紀禦霆心裡有了主意,沒再說什麼。
不多時,兩人一起回了禦笙小築。
笙歌到家的第一件事,就是去浴室洗個澡。
等她裹着浴巾,半濕着秀發,性、感撩人的從浴室出來,就看到規規矩矩跪坐在床上的男人。
紀禦霆雙手捧着那把紅木戒尺,态度自覺又端正,臉上沒有了在公司得知要被懲罰的緊張,似乎欣然接受了。
盡管在做一件極其羞恥的事,他那張俊臉依然矜貴倨傲,帥氣淩然。
笙歌慵懶的斜靠在牆邊,語調上揚,戲谑勾唇:“喲,這麼快就想通了?”
紀禦霆順從的點頭,“笙笙,我白天不該拒絕你在辦公室主動要求給我的小獎勵,現在變成懲罰,是我咎由自取。

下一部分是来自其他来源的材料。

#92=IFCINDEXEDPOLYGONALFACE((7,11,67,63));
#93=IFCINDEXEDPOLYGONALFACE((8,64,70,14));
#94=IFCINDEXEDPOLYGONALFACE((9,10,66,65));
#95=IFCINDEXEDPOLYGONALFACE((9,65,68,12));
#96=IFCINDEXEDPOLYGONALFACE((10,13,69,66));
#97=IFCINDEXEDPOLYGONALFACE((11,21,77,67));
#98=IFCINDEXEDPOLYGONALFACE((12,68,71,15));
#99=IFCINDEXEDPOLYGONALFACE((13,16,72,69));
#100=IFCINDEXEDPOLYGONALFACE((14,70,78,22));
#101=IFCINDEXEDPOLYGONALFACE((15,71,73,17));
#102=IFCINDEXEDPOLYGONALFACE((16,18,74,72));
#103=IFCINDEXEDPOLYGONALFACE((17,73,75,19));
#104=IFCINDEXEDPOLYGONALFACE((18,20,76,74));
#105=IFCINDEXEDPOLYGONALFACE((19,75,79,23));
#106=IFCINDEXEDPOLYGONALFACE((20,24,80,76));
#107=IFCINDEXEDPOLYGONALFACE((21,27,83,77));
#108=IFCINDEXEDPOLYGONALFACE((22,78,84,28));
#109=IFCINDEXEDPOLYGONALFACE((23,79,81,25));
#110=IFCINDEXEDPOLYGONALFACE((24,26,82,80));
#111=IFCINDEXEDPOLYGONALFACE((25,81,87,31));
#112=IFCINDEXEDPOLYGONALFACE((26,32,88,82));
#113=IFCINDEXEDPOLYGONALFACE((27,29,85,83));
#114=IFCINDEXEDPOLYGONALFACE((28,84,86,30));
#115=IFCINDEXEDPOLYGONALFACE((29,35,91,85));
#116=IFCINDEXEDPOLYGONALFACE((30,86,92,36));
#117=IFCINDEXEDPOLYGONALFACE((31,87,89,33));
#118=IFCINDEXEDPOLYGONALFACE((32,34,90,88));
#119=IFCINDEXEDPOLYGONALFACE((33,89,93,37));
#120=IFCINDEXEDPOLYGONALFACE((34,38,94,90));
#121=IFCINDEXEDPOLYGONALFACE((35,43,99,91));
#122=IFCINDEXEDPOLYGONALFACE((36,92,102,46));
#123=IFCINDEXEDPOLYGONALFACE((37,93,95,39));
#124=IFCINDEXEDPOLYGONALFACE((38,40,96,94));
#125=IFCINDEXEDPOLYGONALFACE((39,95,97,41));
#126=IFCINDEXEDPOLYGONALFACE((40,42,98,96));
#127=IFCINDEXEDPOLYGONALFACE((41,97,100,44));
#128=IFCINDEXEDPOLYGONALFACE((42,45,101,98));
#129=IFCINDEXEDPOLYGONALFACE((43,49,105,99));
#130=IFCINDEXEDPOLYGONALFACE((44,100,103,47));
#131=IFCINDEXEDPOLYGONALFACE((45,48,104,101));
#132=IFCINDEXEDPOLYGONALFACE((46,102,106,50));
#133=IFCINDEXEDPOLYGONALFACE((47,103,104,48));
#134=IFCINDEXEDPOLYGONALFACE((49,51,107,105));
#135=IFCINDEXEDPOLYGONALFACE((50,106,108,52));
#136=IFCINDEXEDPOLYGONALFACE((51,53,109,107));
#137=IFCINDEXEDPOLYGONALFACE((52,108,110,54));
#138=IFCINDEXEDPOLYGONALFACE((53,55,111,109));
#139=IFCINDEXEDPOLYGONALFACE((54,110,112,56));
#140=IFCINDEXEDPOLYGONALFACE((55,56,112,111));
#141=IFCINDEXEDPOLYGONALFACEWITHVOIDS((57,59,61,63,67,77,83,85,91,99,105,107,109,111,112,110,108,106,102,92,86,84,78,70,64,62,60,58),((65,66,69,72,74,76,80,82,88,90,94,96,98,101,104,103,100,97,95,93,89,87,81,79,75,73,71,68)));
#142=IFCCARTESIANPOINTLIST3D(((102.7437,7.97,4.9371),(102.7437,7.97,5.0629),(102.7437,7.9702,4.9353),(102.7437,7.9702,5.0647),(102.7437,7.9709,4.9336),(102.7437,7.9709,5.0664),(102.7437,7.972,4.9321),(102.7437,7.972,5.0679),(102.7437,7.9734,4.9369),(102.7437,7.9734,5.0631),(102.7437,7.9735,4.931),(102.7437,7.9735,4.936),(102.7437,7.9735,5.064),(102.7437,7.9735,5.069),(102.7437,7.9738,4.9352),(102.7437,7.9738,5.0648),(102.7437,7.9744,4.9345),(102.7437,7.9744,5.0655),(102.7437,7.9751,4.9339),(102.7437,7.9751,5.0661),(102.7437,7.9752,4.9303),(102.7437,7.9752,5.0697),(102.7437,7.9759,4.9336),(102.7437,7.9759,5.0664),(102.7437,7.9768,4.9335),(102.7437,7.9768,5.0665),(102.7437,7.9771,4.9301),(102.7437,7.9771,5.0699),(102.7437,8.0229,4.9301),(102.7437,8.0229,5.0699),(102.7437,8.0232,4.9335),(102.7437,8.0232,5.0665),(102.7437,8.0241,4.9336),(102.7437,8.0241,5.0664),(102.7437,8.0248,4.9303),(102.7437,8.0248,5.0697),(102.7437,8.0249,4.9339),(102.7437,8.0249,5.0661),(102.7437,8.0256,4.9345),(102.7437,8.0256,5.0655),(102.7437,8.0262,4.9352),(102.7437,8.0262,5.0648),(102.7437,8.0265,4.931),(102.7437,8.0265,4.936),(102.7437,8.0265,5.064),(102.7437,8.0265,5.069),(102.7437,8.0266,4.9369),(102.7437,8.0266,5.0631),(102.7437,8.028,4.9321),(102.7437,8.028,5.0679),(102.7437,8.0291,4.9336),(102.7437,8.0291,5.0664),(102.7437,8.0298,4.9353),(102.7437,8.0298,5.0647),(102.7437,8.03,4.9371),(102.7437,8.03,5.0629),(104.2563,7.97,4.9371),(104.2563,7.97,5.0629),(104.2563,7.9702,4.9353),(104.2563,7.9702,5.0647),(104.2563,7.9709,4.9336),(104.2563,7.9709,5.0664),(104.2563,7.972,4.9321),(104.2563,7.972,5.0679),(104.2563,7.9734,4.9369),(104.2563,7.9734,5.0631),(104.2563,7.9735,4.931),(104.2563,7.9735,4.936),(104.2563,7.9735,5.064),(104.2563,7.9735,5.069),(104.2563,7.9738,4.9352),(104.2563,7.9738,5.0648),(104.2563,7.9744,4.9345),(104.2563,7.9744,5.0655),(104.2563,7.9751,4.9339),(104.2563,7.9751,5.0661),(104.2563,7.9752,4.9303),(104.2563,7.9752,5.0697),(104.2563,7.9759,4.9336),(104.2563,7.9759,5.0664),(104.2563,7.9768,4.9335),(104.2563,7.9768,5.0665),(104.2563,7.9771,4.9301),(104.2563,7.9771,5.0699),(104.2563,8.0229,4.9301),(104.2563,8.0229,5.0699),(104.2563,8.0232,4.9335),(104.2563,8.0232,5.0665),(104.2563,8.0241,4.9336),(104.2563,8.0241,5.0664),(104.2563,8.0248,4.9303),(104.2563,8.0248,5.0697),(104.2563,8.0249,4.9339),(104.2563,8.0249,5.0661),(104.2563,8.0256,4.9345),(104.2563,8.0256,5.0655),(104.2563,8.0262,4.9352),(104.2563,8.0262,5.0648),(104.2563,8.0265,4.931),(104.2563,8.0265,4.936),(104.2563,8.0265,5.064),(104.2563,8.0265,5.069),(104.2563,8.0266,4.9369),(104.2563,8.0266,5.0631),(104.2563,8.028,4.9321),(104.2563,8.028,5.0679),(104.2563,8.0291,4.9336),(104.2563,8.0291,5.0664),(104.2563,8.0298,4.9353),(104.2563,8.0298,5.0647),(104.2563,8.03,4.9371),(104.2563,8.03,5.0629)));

”
笙歌走上前,憋住笑意,睨看他。
他繼續:“你懷寶寶辛苦,如果打我一頓,能讓你心情愉快,這很值得,你放心打!”
“那禦哥哥說,該打多少?”
她接過他遞來的戒尺,穩穩握在手裡。
紀禦霆乖乖攤着雙手,“多少都行,你開心就好。”
“那好。”
笙歌舉起戒尺,作勢就要狠狠砸下去,像是要動真格,陣勢駭人。
紀禦霆連忙補充:“還是稍微輕一點,别累着你!”
她的笑意險些憋不住了,為了繼續調戲他,她強行正色,拿戒尺末端,暧昧的挑起他的下颚。
“到底是怕我累着,還是怕疼?”
“都怕。”他老實回答。
笙歌繼續憋笑,眼神腹黑,一本正經的控訴他,“三天不打上房揭瓦,是該讓你回味一下戒尺的滋味!”
他垂眸,喉結輕滾,認命的半舉着雙手。